Having explained that, let’s look at the architecture in a hosted service. Because a hosted service is effectively a relay, the mail server that sits in front of the on-premise mail server does not have all the information available to it. 

  1. Suppose a spammer sends a zero-day spam campaign to a non-existent mailbox. 
  2. The spam makes it through the filter (Forefront Online) and is delivered to the customer’s on-premise mail server.
  3. The customer’s on-premise mail server discovers it cannot deliver the email and sends an NDR bounce back to the spoofed sender.
  4. The customer uses our service to send all of its outbound mail, including NDR bounces. We end up relaying the NDR through our outbound.
  5. Backscatterer detects and adds the mail relay’s IP address (i.e., our IP address) to its list. The mail did not originate with us, but we were the ones that relayed it to the rest of the world.

The below diagram illustrates this process:

image

We have mitigations in place to prevent backscatter from going out through our outbound IPs, including the following:

  1. We inspect outbound mail for NDR bounces and route them through our NDR pool rather than our regular outbound pool.
  2. Customers can upload user lists to us and we can reject the mail in SMTP rather accepting it. This prevents the customer from bouncing it later on.
  3. Our filters are constantly updating in order to keep the missed spam as small as possible, which lowers the risk of sending backscatter in the first place. 

Even in spite of these mitigations, there is still the small risk that we may not detect all bounces. Some spam may leak through, some customers may bounce it, and we may not detect backscatter spam on the outbound. This is a minority case and we actively seek to minimize it as much as possible

Because we are a relay for outbound mail, some backscatter may relay through us. There are times when we simply do not have all available information at the time of relay to make a decision to prevent backscatter. It’s a byproduct of a hosted service that sits in front of downstream mail servers and all hosted mail services have the same problem.

In the picture above, the spammer has sent a malicious mail. But it does not have to be a spammer, it could be a user who has mistyped an email address and the mail that is bounced is not necessarily spam but is still going to the wrong user.

That’s why our outbound IPs may end up on Backscatterer. But whereas Backscatterer lists most IPs because they have a lack of mitigations to prevent backscatter, our IPs get listed despite our mitigations to prevent backscatter.

However, even if we do end up on Backscatterer, it shouldn’t matter.
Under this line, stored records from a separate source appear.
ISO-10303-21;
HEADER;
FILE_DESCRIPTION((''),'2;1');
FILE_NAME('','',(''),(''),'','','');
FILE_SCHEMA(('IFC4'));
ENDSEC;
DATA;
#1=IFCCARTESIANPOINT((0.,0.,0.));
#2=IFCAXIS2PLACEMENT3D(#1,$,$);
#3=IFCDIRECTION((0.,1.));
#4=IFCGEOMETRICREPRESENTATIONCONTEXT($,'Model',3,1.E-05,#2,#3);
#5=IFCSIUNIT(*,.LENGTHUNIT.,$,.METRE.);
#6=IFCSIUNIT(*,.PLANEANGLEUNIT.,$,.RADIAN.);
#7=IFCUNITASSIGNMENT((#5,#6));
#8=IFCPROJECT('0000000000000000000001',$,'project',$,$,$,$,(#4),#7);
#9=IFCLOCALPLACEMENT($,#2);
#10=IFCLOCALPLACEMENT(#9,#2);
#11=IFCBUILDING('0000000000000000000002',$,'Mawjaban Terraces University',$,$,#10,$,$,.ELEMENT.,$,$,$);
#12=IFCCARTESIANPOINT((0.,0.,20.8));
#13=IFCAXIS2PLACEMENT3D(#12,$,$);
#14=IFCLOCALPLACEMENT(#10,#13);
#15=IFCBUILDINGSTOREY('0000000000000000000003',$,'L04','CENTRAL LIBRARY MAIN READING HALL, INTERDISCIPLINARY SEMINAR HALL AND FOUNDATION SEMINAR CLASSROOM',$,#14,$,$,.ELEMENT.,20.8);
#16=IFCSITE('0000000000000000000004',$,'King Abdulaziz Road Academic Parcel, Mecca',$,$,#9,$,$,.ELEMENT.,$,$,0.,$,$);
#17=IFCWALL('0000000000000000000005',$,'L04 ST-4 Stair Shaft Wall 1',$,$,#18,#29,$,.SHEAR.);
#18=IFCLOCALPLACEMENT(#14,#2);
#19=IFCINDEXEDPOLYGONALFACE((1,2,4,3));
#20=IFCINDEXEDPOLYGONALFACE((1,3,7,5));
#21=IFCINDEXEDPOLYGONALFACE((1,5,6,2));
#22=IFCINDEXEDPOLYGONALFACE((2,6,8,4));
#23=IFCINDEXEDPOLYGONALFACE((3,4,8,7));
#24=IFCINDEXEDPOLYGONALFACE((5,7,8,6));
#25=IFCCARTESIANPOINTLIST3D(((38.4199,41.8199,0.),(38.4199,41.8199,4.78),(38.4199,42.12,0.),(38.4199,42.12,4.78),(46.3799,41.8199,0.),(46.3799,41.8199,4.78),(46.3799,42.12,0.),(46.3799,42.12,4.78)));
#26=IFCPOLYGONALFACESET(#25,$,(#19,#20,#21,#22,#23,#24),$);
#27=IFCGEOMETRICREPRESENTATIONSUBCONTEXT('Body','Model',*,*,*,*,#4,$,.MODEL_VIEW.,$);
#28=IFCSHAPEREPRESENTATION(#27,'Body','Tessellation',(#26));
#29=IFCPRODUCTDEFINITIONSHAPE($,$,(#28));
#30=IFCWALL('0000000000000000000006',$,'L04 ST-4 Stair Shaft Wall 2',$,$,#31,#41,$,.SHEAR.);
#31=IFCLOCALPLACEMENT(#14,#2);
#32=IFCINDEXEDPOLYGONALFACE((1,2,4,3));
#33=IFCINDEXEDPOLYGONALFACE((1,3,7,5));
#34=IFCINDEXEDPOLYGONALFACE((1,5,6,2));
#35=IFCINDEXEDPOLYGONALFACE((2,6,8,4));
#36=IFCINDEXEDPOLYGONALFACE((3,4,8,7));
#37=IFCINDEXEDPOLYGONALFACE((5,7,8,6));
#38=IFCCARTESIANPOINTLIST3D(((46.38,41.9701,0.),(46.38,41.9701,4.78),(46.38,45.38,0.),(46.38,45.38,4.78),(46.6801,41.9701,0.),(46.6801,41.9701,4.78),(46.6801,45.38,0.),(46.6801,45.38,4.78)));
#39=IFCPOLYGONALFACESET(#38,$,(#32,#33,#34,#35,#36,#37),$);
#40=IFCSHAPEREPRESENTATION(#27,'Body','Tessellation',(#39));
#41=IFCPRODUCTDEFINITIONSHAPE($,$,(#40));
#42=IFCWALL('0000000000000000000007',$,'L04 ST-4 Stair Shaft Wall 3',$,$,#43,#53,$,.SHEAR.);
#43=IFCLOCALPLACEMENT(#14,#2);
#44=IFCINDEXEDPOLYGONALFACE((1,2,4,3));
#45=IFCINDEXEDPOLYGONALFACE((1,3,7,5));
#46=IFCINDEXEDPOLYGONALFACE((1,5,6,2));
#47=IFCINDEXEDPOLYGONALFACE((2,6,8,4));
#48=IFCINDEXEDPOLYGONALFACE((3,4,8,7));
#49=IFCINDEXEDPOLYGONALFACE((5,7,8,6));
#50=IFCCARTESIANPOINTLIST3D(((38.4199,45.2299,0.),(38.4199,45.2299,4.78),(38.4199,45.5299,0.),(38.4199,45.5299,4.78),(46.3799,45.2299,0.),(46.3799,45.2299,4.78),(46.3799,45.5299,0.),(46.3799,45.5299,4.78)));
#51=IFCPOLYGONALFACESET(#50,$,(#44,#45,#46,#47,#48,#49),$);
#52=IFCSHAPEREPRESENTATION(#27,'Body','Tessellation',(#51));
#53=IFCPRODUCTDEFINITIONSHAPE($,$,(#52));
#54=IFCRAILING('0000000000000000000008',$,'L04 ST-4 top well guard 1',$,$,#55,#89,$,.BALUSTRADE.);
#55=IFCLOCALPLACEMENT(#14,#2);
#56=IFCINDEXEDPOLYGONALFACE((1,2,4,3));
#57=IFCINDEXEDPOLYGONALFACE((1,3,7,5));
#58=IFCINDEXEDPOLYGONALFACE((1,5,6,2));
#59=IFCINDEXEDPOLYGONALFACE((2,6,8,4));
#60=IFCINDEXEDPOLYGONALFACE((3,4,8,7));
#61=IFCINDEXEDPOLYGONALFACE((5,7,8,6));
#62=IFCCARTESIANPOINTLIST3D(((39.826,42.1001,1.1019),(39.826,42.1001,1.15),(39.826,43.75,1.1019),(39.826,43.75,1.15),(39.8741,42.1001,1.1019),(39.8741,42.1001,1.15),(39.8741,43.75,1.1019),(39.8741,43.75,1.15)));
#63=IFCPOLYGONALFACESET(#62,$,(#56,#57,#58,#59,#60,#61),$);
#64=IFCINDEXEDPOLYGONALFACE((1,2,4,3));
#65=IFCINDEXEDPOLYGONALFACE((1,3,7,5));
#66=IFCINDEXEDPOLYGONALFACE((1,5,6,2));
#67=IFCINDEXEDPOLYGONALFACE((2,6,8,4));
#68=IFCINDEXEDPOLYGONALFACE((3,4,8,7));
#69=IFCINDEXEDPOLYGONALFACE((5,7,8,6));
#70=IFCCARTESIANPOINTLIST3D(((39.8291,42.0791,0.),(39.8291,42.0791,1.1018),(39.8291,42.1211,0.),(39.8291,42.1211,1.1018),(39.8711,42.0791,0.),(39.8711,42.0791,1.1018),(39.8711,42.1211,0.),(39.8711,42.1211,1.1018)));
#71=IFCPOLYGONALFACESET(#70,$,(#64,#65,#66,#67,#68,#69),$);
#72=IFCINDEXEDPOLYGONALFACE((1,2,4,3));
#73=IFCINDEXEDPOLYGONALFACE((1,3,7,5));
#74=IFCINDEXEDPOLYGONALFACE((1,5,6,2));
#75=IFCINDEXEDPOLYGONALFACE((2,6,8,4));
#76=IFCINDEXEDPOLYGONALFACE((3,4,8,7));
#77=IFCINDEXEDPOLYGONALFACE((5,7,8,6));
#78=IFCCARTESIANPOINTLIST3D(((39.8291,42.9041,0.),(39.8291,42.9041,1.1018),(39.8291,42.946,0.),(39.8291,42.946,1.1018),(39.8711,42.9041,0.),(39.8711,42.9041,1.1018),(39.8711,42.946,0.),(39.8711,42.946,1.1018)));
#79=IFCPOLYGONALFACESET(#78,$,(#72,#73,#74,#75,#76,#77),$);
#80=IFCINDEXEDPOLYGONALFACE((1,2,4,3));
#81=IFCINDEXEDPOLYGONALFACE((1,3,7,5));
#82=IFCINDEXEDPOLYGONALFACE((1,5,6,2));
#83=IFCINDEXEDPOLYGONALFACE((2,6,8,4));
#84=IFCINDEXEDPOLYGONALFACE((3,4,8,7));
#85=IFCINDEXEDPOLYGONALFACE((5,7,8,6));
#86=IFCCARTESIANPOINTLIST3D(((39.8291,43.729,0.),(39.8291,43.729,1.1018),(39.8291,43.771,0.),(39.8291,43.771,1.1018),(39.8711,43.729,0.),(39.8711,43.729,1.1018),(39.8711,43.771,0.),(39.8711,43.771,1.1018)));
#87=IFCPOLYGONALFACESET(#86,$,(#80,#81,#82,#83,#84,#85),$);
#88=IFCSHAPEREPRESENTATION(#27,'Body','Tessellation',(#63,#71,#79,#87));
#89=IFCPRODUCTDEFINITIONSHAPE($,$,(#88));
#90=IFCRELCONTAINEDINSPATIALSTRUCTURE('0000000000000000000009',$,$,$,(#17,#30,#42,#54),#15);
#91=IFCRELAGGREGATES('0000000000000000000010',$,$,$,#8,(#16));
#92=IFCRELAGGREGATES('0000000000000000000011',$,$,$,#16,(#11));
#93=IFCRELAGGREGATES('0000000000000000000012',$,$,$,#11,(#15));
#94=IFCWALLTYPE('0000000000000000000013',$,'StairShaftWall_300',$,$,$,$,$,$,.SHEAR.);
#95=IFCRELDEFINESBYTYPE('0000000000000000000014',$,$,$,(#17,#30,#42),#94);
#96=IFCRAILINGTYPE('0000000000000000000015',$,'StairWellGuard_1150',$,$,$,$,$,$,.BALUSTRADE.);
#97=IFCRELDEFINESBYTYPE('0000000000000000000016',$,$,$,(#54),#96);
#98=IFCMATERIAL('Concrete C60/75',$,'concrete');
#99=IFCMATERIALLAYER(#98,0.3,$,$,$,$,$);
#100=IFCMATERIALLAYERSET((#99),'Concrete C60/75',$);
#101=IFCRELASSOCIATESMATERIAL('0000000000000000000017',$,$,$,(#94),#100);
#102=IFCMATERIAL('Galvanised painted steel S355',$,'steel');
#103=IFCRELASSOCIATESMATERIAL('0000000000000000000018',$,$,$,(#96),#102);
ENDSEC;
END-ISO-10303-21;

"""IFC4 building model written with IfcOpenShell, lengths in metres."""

from ifc_helpers import new_model, si_unit, direction, frame, frame_2d, origin, origin_2d, place, context, subcontext, project, spatial, rectangle, extrude, material, layer, layer_set, type_object, element, save


model = new_model("IFC4")

# Units and contexts
model_context = context("Model", 3, precision=1e-05, world=origin(), true_north=direction((0.0, 1.0)))
body_context = subcontext(model_context, "Body", "Model", "MODEL_VIEW")
ifc_project = project(units=[si_unit("LENGTHUNIT", "METRE"), si_unit("PLANEANGLEUNIT", "RADIAN")], contexts=[model_context])

# Site, building, storey
site_placement = place(None, origin())
site = spatial("IfcSite", under=ifc_project, at=site_placement, Name="King Abdulaziz Road Academic Parcel, Mecca", CompositionType="ELEMENT", RefElevation=0.0)
building_placement = place(site_placement, origin())
building = spatial("IfcBuilding", under=site, at=building_placement, Name="Mawjaban Terraces University", CompositionType="ELEMENT")
storey_placement = place(building_placement, frame((0.0, 0.0, 20.8)))
storey = spatial("IfcBuildingStorey", under=building, at=storey_placement, Name="L04", Description="CENTRAL LIBRARY MAIN READING HALL, INTERDISCIPLINARY SEMINAR HALL AND FOUNDATION SEMINAR CLASSROOM", CompositionType="ELEMENT", Elevation=20.8)

# Walls
ifc_material_1 = material(Name="Concrete C60/75", Category="concrete")
ifc_layer_1 = layer(ifc_material_1, 0.3)
ifc_layer_set_1 = layer_set([ifc_layer_1], Name="Concrete C60/75")
wall_type_1 = type_object("IfcWallType", Name="StairShaftWall_300", PredefinedType="SHEAR", material=ifc_layer_set_1)
wall_1_placement = place(storey_placement, frame((38.4199, 41.97, 0.0), z_axis=(0.0, 0.0, 1.0), x_axis=(1.0, 0.0, 0.0)))
element("IfcWall", 1, at=wall_1_placement, inside=storey, type_object=wall_type_1, Name="L04 ST-4 Stair Shaft Wall 1", PredefinedType="SHEAR", context=body_context, shape_type="SweptSolid", body=[
    extrude(rectangle(XDim=7.96, YDim=0.3, at=frame_2d((3.98, 0.0))), origin(), (0.0, 0.0, 1.0), 4.78),
])
wall_2_placement = place(storey_placement, frame((46.53, 41.97, 0.0), z_axis=(0.0, 0.0, 1.0), x_axis=(0.0, 1.0, 0.0)))
element("IfcWall", 2, at=wall_2_placement, inside=storey, type_object=wall_type_1, Name="L04 ST-4 Stair Shaft Wall 2", PredefinedType="SHEAR", context=body_context, shape_type="SweptSolid", body=[
    extrude(rectangle(XDim=3.4099, YDim=0.3, at=frame_2d((1.7051, 0.0))), origin(), (0.0, 0.0, 1.0), 4.78),
])
wall_3_placement = place(storey_placement, frame((46.3799, 45.3799, 0.0), z_axis=(0.0, 0.0, 1.0), x_axis=(-1.0, 0.0, 0.0)))
element("IfcWall", 3, at=wall_3_placement, inside=storey, type_object=wall_type_1, Name="L04 ST-4 Stair Shaft Wall 3", PredefinedType="SHEAR", context=body_context, shape_type="SweptSolid", body=[
    extrude(rectangle(XDim=7.96, YDim=0.3, at=frame_2d((3.98, 0.0))), origin(), (0.0, 0.0, 1.0), 4.78),
])

# Railing
ifc_material_2 = material(Name="Galvanised painted steel S355", Category="steel")
railing_type = type_object("IfcRailingType", Name="StairWellGuard_1150", PredefinedType="BALUSTRADE", material=ifc_material_2)
railing_placement = place(storey_placement, frame((39.8501, 42.1001, 0.0)))
element("IfcRailing", 4, at=railing_placement, inside=storey, type_object=railing_type, Name="L04 ST-4 top well guard 1", PredefinedType="BALUSTRADE", context=body_context, shape_type="SweptSolid", body=[
    extrude(rectangle(XDim=0.0481, YDim=0.0481, at=origin_2d()), frame((0.0, 0.0, 1.126), z_axis=(0.0, 1.0, 0.0), x_axis=(-1.0, 0.0, 0.0)), (0.0, 0.0, 1.0), 1.6499),
    extrude(rectangle(XDim=0.042, YDim=0.042, at=origin_2d()), origin(), (0.0, 0.0, 1.0), 1.1018),
    extrude(rectangle(XDim=0.042, YDim=0.042, at=origin_2d()), frame((0.0, 0.825, 0.0)), (0.0, 0.0, 1.0), 1.1018),
    extrude(rectangle(XDim=0.042, YDim=0.042, at=origin_2d()), frame((0.0, 1.6499, 0.0)), (0.0, 0.0, 1.0), 1.1018),
])

save(model, "model.ifc")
If a 3rd party is using it in safe mode, they should reject if:

  1. The IP address is on the Backscatterer list, and
  2. The sending email is sent from postmaster@ or <>.

Legitimate mail does not meet this criteria.

image

Using the list in this way – as documented on their webpage – would not prevent a mail server from blocking legitimate mail, it only blocks backscatter. It is transparent to legitimate mail (except for legitimate bounces).

This is why we do not take action if our IPs end up on Backscatterer.org. Even if they do, because of our architecture, it won’t matter in nearly all cases so long as the user of the Backscatterer list implements it in the way it is documented.

That’s how most hosted services deal with the Backscatterer IP list.